The analyzer that flags violations of Miller's rule does not violate Miller's rule on either of its own repos. That circularity is intentional. If a code-quality tool won't eat its own dog food, it has no business asking you to eat anything.

Insisting on these tools and baking them into my development workflow has improved what agents generate for me. It hasn't made it perfect. It can't.

Teaching them better

As we said at the beginning, most of the code in the world is shit. These AIs have been trained on that code. Context and experience matter. You can't show up to the slum along the river in Asunción, Paraguay — where poor Guaraní are literally making shelters out of plastic bags — hand them a rack of top-of-line GPUs and say "Bitcoin/AI your way to prosperity." Similarly, you can't feed these evolving intelligences the code equivalent of John Grisham novels and bad teen-romance series about vampires and werewolves, then expect that applying one simple tool to make things easier to understand will undo all that.

Obviously, running the tool on what they produce, using our brains to manage cognitive load, and teaching them how to write and edit in a virtuous loop will help.
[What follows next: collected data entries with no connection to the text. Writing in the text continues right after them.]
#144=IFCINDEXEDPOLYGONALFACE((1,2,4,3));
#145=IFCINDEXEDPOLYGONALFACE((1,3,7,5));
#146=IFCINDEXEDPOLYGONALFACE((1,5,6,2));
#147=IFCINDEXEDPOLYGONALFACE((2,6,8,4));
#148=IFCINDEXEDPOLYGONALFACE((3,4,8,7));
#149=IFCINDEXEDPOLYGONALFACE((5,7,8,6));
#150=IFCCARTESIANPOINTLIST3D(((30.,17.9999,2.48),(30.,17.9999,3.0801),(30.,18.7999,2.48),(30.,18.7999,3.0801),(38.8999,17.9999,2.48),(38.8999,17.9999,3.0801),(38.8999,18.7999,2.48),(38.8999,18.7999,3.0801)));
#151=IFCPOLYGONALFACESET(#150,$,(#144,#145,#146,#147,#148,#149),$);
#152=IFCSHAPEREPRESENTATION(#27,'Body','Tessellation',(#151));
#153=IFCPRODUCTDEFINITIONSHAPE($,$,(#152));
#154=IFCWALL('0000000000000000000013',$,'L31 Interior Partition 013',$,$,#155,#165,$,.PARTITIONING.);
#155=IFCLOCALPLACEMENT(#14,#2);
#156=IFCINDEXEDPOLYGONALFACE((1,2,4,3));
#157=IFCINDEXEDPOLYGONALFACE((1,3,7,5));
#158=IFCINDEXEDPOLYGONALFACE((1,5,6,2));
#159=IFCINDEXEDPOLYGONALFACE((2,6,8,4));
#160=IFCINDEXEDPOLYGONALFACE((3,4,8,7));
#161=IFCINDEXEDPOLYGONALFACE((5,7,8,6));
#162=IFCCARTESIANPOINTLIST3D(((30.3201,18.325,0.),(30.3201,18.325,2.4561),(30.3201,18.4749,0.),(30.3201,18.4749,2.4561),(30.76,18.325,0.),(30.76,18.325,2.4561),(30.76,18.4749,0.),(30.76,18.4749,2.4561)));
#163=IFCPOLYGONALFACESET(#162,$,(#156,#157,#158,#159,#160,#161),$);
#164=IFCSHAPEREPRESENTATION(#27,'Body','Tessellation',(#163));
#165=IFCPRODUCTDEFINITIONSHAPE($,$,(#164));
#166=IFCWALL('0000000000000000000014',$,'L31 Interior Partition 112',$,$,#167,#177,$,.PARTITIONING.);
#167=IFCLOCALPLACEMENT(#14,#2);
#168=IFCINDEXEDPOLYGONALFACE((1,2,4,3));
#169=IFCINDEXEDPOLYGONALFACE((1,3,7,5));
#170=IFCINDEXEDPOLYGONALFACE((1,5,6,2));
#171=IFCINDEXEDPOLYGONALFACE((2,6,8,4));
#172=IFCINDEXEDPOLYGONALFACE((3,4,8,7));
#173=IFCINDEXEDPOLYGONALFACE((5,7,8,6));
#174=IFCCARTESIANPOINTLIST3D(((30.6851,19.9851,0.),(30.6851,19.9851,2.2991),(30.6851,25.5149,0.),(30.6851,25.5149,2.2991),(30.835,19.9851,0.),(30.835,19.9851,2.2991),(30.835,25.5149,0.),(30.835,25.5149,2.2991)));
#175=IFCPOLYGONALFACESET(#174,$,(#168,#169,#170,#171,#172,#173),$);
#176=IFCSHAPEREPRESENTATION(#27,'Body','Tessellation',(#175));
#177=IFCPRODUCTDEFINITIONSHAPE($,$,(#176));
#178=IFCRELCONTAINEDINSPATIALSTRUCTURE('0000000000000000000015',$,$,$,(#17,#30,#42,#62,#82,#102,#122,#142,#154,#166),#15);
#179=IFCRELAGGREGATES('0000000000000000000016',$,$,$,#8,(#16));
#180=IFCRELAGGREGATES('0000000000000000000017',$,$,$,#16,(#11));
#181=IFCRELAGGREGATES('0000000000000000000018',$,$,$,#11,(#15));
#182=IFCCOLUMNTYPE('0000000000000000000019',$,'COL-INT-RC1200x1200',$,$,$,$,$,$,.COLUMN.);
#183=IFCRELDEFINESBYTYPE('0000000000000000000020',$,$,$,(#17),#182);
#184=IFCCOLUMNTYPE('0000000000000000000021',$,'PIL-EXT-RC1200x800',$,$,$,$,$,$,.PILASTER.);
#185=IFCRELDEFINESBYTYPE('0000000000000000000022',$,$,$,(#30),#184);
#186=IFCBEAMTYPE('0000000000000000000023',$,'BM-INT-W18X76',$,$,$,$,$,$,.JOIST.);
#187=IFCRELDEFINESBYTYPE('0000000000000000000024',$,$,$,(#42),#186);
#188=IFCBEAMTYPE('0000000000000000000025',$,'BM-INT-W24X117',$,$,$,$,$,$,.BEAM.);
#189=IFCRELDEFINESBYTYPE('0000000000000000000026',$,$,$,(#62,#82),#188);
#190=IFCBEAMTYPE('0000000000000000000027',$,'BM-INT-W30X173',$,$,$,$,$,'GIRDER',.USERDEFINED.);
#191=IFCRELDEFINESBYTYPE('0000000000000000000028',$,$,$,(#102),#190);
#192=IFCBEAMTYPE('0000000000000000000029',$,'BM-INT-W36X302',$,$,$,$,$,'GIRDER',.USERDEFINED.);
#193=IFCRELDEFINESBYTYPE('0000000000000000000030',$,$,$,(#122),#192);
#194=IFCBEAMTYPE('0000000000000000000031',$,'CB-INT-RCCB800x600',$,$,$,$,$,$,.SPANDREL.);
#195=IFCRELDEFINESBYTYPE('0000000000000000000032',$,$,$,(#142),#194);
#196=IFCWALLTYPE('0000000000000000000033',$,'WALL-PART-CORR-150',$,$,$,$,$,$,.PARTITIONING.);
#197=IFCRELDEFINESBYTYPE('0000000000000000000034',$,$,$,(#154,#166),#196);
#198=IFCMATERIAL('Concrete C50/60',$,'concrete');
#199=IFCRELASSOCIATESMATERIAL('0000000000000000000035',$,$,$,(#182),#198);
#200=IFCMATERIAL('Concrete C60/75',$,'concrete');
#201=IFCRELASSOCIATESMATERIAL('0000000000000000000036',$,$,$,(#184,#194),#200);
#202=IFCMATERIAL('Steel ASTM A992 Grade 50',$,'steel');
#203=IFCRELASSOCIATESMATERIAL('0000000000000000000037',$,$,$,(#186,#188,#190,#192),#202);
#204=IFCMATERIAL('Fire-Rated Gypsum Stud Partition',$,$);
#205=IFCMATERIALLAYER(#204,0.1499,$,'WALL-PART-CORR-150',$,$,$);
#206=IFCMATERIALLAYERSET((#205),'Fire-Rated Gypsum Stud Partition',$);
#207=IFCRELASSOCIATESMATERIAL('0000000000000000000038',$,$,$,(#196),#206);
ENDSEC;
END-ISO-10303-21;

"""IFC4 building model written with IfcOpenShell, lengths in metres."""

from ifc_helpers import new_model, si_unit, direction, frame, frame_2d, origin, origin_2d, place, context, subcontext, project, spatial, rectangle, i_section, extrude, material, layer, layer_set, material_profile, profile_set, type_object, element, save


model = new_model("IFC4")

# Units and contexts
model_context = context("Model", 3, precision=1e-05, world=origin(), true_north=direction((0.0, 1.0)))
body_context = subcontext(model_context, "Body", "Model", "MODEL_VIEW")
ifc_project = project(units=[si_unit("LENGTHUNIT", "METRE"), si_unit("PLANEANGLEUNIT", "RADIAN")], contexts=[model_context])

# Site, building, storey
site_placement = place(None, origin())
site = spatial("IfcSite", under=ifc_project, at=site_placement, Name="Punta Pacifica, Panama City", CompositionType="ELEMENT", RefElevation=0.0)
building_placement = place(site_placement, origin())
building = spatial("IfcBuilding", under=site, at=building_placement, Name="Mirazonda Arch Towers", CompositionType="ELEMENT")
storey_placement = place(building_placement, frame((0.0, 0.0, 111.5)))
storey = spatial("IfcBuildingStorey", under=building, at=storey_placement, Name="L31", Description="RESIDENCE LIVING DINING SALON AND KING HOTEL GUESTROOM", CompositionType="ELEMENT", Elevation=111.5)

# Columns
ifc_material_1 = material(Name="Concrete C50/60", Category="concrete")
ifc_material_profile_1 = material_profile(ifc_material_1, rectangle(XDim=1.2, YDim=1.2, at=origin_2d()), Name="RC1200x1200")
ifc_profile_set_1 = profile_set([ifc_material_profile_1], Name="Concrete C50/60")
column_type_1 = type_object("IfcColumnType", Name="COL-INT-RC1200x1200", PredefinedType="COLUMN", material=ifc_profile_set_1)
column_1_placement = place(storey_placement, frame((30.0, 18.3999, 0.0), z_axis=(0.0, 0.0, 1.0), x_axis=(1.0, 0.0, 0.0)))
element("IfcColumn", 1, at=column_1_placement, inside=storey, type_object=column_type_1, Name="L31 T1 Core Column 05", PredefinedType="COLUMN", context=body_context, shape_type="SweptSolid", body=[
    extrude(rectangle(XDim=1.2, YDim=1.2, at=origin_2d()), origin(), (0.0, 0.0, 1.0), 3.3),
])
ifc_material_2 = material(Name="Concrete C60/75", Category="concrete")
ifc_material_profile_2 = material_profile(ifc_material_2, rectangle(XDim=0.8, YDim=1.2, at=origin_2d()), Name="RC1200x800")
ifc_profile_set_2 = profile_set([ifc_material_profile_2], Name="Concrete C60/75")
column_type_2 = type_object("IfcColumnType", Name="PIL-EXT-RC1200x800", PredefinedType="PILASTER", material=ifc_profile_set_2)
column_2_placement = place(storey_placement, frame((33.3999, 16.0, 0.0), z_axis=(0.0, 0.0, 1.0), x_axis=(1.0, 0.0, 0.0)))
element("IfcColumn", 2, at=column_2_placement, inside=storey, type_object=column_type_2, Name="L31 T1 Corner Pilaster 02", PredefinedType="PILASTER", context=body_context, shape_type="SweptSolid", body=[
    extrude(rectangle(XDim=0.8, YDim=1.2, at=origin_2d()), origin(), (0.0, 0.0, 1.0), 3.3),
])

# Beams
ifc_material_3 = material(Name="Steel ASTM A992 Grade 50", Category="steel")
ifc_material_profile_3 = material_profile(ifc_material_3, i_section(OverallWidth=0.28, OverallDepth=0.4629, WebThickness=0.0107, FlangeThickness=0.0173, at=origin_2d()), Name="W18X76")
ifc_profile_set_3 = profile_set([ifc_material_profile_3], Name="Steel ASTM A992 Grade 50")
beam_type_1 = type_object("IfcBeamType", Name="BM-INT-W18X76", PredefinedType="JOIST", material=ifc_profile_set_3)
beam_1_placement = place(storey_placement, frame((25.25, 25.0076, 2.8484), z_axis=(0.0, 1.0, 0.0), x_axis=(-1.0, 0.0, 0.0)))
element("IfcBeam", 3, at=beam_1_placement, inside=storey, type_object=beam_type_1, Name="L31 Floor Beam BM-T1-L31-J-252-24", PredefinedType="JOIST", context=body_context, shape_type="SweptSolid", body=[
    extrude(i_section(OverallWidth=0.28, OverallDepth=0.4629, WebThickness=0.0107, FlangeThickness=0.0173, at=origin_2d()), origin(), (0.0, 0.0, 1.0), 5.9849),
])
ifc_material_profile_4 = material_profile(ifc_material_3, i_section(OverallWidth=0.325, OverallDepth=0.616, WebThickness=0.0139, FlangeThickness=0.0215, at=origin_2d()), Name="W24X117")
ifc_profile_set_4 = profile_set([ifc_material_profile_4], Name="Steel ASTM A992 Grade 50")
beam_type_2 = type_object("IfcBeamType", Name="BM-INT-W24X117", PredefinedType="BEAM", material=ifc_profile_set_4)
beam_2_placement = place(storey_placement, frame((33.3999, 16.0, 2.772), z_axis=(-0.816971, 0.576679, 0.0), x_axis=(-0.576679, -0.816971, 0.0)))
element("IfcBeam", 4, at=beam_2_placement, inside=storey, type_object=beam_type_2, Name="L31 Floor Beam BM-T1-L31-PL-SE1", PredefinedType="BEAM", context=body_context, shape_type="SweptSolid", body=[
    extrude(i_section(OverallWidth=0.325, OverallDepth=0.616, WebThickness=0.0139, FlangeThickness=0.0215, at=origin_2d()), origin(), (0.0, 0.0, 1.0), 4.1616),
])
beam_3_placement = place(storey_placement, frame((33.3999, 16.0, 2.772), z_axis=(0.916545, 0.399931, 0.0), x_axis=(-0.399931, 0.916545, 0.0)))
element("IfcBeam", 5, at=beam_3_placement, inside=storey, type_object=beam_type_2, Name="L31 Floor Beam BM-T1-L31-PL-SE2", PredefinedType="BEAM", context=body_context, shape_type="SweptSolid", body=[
But until there are really good training sets — Dostoyevsky Brothers Karamazov or Tolkien Silmarillion levels of example — evolving intelligences will favor convoluted logic, procedural blobs with scattered control flow, React miasmas of state and effects that don't make any fucking sense. That's what people have written. How could the AI know better?
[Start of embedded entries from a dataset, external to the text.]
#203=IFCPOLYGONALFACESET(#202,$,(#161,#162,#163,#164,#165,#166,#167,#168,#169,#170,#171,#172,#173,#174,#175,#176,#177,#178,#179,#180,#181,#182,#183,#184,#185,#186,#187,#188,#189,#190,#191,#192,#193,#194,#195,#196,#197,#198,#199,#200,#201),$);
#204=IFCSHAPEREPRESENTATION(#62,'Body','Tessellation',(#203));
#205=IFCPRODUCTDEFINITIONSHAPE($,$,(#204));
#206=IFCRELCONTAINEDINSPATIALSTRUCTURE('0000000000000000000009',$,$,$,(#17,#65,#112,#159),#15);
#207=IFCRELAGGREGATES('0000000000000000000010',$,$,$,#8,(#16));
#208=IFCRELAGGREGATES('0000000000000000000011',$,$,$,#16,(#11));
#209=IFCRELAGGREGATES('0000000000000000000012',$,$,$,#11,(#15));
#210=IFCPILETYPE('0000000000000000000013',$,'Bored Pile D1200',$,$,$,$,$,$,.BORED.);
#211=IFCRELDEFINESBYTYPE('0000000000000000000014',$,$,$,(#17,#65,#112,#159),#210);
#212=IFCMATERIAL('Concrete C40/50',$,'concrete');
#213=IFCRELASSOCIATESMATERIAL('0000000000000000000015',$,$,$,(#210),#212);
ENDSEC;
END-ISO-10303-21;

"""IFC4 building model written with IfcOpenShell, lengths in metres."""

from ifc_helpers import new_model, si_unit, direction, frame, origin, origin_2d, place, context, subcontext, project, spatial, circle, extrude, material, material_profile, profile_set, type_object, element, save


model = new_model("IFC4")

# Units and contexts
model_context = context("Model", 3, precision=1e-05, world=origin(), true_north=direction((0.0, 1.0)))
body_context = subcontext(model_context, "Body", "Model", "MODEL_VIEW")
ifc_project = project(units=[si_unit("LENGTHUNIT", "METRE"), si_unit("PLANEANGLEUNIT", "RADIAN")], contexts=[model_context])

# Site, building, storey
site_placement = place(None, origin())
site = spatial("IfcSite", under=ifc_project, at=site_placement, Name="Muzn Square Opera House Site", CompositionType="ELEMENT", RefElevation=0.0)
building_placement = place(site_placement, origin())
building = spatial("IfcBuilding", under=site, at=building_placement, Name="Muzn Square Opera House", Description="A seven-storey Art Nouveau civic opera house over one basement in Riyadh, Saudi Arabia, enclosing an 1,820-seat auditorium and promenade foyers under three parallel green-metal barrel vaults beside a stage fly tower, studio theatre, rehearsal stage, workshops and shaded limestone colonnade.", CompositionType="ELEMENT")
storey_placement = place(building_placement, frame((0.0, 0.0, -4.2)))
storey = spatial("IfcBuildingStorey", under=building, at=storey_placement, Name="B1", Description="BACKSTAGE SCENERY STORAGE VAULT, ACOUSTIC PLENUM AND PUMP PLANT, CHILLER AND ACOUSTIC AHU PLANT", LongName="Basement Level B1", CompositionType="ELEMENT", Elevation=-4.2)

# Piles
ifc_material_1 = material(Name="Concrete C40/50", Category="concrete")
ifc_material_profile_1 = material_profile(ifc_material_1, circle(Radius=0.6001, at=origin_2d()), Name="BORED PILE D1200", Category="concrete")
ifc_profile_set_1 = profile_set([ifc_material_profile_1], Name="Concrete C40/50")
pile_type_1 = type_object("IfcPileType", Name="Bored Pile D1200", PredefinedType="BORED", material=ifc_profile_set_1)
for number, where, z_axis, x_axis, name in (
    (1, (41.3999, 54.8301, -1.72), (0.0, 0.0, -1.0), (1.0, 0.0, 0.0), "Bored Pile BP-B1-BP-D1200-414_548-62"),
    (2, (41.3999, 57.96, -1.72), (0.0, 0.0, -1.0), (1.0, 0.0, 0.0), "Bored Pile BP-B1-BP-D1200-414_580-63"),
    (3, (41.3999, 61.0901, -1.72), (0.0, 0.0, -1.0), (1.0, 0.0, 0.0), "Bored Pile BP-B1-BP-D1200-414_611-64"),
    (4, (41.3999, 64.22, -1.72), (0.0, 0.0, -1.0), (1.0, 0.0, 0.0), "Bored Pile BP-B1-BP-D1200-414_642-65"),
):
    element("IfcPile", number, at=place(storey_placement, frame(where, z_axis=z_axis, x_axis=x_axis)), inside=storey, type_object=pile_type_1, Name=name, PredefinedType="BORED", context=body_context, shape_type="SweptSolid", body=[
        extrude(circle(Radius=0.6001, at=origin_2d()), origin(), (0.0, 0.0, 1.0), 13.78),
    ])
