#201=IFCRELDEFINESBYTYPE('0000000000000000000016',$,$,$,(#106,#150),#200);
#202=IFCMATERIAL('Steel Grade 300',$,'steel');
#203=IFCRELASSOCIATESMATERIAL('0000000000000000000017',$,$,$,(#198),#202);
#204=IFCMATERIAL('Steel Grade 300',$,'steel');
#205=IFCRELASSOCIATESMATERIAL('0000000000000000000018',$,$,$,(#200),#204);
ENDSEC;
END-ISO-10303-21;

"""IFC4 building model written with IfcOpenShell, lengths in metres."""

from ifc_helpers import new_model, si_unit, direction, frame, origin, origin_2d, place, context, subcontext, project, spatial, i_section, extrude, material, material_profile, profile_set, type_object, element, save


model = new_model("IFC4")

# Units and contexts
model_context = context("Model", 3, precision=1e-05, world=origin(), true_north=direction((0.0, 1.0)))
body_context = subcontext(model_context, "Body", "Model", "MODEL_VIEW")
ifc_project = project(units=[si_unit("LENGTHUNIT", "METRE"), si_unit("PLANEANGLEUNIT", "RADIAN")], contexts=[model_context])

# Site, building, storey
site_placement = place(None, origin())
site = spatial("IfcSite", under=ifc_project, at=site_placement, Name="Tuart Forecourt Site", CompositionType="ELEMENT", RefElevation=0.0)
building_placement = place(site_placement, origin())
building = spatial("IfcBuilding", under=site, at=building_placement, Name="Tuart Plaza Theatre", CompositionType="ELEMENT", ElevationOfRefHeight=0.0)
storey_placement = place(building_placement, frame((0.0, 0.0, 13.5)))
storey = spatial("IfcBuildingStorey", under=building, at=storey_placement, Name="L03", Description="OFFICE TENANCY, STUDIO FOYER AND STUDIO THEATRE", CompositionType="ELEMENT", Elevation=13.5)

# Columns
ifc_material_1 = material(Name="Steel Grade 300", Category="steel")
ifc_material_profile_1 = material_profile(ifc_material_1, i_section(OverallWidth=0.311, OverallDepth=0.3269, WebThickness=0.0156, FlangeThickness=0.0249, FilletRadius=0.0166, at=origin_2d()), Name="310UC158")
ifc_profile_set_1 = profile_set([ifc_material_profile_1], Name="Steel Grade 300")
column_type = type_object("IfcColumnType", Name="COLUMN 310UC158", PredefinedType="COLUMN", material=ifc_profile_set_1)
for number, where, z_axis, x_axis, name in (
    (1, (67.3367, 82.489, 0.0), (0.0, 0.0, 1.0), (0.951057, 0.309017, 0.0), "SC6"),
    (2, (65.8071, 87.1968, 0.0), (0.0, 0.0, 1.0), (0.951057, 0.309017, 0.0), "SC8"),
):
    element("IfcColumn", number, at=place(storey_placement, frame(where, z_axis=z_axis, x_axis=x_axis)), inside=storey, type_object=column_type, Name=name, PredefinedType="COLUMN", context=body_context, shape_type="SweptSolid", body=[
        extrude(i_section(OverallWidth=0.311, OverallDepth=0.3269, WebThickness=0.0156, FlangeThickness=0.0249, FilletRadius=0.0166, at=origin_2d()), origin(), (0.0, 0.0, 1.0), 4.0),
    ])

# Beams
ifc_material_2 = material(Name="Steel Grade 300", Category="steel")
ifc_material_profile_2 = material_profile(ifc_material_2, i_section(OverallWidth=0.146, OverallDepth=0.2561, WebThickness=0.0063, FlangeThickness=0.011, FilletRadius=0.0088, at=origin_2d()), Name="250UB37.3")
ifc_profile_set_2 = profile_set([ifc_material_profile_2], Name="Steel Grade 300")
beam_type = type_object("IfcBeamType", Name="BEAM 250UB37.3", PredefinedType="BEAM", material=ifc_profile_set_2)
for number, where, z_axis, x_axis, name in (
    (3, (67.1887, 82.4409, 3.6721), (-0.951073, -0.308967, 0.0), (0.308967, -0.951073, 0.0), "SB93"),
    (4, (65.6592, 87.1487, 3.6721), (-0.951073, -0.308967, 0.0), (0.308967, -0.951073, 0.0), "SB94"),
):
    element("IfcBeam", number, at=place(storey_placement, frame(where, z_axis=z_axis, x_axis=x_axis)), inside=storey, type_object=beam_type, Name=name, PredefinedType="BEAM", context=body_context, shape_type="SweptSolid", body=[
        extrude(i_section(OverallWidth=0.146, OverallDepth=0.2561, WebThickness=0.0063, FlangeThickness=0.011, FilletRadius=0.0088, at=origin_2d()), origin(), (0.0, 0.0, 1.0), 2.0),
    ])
By teaching them better. I'm developing the Kompuwiz framework to serve as an educational example, actively building model-context-protocol servers, skills, and enough functionality to act as a good training set. I'm too busy building to be training them — but training them on what gets built is the next logical step.

Why this matters

Of course, someone who considers themselves "reasonable" might ask, "does this even fucking matter?" They may assert that "code that works is all that matters. I don't care what it does inside any more than you care how your internal-combustion engine works." There are bombastic proclamations that programming is dead, engineering is dead, all white-collar jobs will be automated in 18 months. I've been around long enough to see a lot of snake oil sold in our field.
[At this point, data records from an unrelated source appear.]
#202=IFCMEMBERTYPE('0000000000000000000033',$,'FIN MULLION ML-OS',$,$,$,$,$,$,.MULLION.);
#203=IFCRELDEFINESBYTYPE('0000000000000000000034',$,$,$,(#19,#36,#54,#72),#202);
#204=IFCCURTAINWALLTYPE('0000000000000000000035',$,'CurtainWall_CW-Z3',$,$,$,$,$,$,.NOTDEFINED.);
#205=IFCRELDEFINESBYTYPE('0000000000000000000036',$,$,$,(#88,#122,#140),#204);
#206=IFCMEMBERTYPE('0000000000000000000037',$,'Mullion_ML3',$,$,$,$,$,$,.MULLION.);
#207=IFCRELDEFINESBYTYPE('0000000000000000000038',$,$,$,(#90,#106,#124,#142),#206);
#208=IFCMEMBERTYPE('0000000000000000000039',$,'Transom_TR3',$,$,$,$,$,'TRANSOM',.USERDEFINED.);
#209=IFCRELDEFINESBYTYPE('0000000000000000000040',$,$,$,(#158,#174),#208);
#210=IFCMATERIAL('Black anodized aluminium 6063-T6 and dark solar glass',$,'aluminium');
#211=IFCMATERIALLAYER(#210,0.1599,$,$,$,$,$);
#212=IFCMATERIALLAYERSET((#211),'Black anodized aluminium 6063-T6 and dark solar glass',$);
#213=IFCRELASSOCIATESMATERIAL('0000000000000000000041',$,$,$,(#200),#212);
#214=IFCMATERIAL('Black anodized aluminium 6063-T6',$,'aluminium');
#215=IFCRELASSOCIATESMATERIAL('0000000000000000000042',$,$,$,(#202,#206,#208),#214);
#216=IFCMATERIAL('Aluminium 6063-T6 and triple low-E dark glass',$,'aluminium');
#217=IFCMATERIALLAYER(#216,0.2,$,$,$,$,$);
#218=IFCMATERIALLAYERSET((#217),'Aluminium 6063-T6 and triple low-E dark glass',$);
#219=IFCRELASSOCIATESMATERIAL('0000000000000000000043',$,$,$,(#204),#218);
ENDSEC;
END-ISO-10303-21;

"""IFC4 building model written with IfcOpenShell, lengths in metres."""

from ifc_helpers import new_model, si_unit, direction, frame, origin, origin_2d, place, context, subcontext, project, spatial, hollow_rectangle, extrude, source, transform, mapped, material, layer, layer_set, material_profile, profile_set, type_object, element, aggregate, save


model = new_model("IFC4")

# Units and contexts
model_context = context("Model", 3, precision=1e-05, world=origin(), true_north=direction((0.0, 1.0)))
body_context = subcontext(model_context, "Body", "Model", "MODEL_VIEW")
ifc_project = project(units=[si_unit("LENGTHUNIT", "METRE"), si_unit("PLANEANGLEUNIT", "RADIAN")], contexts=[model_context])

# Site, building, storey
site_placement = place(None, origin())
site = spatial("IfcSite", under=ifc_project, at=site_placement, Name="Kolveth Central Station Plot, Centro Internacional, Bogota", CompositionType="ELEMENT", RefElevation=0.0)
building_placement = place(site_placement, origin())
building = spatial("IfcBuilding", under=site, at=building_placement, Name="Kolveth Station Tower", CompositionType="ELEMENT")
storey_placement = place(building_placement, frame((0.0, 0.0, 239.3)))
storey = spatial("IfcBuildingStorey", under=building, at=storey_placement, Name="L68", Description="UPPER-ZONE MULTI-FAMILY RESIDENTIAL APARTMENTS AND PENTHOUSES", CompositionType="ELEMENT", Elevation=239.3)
All I can say is that if you don't care how your cancer is treated, as long as it's blasted away, and you're willing to believe overconfident engineers and executives assuring you everything will be alright, don't be surprised if you get Therac-25ed.

cognitive and neo are both small, fast, free, and usable today against any Java source tree you point them at. Neither is finished — cognitive's own README lists rules I'd like to add, and neo is a substrate I expect to keep pushing more interesting functionality into as I build the next analyzers on top of it. But both are real tools you can run right now to take action on real code. Neither will fix the Software Crisis. Neither claims to. But both refuse to leak the one specific thing they're meant to measure — and they bind themselves to the rule they enforce. If you want tools built that way for your stack, you can nico@visionary.software me with all your cheers, boos, and beers. I'd be happy to build the next one with you, or discuss licensing for your commercial work.

Programmer attention and memory have always been limited. We just kept saying "that's your problem — you're smart, figure it out." I will keep building tools that make it easier.